MSI Optix MPG341CQRKlingt sehr interessant, disqualifiziert sich aber durch die eingebauten Kamera. (Gibt es wirklich Menschen, die das toll finden?)
LG 34GK950F-B scheint im Moment der beste Monitor zu sein, hat aber einen doppelt so hohen Input-Lag wie vergleichbare Modelle und liegt eigenltich über dem Budget. Aber an nem fuffi soll es nicht scheitern.

Welche Modelle könnt ihr mir sonst noch empfehlen?


----------



## JoM79 (25. Oktober 2019)

Der MSI hat doch keine Kamera eingebaut, sondern einen Kameraschlitten um Kameras zu montieren.
Der LG hat nen Inputlag von 0.2ms, das sollte absolut garkein Problem darstellen.

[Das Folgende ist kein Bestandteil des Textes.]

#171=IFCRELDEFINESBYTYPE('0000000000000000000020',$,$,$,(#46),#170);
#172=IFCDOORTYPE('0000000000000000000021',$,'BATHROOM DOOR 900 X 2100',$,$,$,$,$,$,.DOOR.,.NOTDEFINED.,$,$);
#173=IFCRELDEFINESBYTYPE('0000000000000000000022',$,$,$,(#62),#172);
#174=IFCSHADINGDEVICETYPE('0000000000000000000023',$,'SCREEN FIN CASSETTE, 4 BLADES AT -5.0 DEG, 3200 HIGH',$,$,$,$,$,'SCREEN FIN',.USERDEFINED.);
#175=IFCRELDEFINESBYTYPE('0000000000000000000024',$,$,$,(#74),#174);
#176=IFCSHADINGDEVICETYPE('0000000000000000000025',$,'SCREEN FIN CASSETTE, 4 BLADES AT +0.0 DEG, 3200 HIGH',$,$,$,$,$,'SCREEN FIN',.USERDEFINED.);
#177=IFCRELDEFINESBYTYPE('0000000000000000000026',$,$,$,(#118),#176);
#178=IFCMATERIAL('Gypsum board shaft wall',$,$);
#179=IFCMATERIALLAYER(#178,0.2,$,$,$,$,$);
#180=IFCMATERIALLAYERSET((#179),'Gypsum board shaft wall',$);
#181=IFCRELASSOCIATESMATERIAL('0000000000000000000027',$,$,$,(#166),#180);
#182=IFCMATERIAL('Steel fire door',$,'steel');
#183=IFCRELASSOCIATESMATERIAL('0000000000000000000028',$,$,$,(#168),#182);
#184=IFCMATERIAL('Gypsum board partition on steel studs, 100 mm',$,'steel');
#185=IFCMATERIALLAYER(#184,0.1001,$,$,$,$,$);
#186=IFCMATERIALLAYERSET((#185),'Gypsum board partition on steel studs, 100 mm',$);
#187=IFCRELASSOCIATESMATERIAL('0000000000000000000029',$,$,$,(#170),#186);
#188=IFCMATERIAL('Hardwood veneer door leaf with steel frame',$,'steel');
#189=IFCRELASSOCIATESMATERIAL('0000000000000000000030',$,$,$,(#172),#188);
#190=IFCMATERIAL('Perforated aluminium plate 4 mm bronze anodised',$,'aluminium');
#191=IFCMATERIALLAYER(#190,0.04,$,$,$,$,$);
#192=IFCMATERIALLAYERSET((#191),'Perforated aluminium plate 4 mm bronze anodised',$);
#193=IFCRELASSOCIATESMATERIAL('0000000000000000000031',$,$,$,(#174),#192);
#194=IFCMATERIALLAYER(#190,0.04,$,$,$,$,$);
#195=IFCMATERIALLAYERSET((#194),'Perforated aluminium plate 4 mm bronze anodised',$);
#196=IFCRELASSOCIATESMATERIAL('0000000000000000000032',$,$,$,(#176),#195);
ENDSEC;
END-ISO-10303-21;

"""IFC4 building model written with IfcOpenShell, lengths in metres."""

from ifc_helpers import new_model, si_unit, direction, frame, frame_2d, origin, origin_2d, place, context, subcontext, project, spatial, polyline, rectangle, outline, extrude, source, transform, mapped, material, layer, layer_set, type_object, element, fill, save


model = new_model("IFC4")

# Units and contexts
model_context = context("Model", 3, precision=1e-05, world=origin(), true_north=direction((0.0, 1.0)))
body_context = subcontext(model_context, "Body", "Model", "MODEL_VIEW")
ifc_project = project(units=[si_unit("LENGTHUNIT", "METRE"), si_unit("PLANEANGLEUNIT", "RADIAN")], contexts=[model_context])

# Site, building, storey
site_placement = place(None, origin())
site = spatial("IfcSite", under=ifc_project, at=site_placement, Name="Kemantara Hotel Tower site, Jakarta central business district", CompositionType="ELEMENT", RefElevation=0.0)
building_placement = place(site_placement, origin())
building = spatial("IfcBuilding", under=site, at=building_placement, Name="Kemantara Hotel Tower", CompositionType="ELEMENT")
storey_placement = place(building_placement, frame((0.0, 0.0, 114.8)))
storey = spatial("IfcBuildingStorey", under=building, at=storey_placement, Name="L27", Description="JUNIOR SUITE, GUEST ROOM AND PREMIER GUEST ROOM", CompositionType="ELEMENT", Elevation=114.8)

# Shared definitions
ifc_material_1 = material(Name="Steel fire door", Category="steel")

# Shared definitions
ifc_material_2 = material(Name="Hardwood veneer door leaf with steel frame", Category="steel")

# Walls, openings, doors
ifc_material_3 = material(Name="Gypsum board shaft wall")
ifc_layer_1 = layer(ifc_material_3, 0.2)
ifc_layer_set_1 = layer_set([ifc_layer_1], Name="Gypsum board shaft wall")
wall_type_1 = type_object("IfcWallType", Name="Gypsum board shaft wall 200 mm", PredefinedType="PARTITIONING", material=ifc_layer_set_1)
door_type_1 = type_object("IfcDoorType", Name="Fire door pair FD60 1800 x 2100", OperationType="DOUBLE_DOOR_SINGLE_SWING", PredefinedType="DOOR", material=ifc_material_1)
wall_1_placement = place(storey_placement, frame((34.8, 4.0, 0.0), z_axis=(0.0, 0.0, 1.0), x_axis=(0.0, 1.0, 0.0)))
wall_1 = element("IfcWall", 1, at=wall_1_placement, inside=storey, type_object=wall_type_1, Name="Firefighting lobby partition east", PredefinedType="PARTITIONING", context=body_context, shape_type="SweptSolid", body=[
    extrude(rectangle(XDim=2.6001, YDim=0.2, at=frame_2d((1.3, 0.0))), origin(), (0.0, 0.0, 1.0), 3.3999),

Schon mal an einen 43" UHD gedacht?
Sind zwar nur 102ppi, aber du hättest ordentlich Platz und keine Skalierungprobleme.
Zudem weiss ich nicht, ob dich curved beim Office stört.


----------



## kasiii (25. Oktober 2019)

JoM79 schrieb:


> Der MSI hat doch keine Kamera eingebaut, sondern einen Kameraschlitten um Kameras zu montieren.


Was ist das dann für eine Linse mittig in der unteren Leiste?



JoM79 schrieb:


> Schon mal an einen 43" UHD gedacht?


Nein. UHD gibts aber auch nur bis 60 Hz oder?



JoM79 schrieb:


> Sind zwar nur 102ppi, aber du hättest ordentlich Platz und keine Skalierungprobleme.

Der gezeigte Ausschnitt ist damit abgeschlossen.